La giovane si strugge per la disapprovazione di coloro che più ama, la madre e Gesù, vorrebbe ma non può: è blasfemo anche solo desiderare. Braccata, si dimena: «Qual è la volontà di Dio? Che cosa si aspetta da lei?». Alla fine cede: «Tutta la mia infelicità sta nel fatto che non credo abbastanza […] Bisogna che creda nella mamma, in Pascal, in Dio: allora sentirò che non si detestano tra loro e che nessuno di loro mi vuole ferire». Parla a sé stessa, più che a Simone. Stremata, rinuncia a vedere l’amato e accetta di abbandonare Parigi. È l’atto finale, l’ultima punizione che si infligge e che le costerà la vita.

«Non siamo stati che strumenti nelle mani di Dio» sono le parole di Monsieur Lacoin dopo la morte della figlia. De Beauvoir parla di «crimine spiritualista»: a uccidere Zaza è stato il tentativo di una famiglia – e della società dominante – di spiritualizzare ciò che è terreno; i sensi di colpa per non riuscire a omologarsi a un modello di religiosità e devozione irreale; una fede che, alla fine, si rivela più forte in lei che nei suoi moralizzatori.

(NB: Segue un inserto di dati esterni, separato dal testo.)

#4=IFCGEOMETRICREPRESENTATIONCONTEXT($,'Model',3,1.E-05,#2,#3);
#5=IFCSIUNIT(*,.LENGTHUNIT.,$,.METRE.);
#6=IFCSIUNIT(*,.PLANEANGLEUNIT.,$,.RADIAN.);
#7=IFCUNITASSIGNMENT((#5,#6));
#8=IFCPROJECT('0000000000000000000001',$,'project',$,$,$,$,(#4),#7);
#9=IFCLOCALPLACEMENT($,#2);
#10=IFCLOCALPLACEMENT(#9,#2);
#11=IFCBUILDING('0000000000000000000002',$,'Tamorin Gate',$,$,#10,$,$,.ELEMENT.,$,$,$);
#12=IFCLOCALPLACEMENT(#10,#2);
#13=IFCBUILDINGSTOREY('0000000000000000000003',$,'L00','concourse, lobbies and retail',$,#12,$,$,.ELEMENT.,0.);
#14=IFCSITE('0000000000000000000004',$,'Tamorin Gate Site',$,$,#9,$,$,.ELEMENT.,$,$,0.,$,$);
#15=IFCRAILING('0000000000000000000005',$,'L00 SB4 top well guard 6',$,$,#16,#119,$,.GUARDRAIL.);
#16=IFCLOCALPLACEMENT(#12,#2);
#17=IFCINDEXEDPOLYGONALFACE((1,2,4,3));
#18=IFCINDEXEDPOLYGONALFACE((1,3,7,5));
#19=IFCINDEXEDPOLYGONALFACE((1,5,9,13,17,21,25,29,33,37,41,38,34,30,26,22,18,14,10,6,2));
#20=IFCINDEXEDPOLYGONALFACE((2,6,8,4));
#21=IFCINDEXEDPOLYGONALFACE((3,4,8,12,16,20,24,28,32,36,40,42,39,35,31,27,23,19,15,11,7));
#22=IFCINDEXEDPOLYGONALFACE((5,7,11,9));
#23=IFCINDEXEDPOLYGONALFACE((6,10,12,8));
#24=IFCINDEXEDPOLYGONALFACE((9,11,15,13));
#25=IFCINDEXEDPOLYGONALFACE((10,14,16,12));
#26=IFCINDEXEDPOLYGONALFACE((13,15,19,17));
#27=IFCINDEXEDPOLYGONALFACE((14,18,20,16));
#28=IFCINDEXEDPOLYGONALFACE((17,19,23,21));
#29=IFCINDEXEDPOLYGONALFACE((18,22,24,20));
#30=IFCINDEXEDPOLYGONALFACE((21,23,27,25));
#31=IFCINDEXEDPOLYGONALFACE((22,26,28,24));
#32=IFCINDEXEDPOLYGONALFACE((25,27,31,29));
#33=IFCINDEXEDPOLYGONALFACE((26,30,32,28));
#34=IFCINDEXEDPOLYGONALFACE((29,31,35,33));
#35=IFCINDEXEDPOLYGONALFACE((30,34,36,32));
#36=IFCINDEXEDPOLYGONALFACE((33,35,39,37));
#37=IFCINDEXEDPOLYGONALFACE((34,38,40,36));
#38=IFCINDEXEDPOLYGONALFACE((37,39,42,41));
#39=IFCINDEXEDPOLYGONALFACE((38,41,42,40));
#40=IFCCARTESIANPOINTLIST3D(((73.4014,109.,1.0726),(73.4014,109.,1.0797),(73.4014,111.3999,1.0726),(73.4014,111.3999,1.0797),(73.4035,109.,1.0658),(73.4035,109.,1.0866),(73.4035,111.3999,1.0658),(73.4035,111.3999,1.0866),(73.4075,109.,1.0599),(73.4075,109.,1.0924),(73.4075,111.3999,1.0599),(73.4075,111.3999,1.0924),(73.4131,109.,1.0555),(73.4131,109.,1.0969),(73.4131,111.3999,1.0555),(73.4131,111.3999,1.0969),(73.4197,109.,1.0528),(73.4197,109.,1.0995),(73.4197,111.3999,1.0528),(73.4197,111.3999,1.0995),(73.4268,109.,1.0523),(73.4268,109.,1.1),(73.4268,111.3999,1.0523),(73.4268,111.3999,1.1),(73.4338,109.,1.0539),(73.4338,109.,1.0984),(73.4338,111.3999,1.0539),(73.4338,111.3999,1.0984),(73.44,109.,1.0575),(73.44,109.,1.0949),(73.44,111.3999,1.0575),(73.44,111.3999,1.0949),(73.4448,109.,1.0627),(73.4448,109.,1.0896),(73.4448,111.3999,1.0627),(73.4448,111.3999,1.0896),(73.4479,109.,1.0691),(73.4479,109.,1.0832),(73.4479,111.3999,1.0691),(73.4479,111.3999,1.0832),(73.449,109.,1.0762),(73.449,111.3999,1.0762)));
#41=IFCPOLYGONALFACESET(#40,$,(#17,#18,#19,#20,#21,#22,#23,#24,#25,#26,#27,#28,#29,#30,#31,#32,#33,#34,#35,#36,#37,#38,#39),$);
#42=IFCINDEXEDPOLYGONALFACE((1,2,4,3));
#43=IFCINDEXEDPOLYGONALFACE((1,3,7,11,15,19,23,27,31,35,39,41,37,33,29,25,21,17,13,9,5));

«Oscuramente capii che Andrée era morta soffocata da quel biancore. Prima di prendere il treno depositai sopra quei mazzi immacolati tre rose rosse». Per un’amica che va incontro alla morte, un’altra si apre alla vita. Simone diventerà una delle più influenti pensatrici femministe di sempre, soggettività e individualità femminile saranno i valori fondanti della sua opera. Quanto deve a Zaza delle sue convinzioni, quanto ha vissuto l’amica nelle sue parole?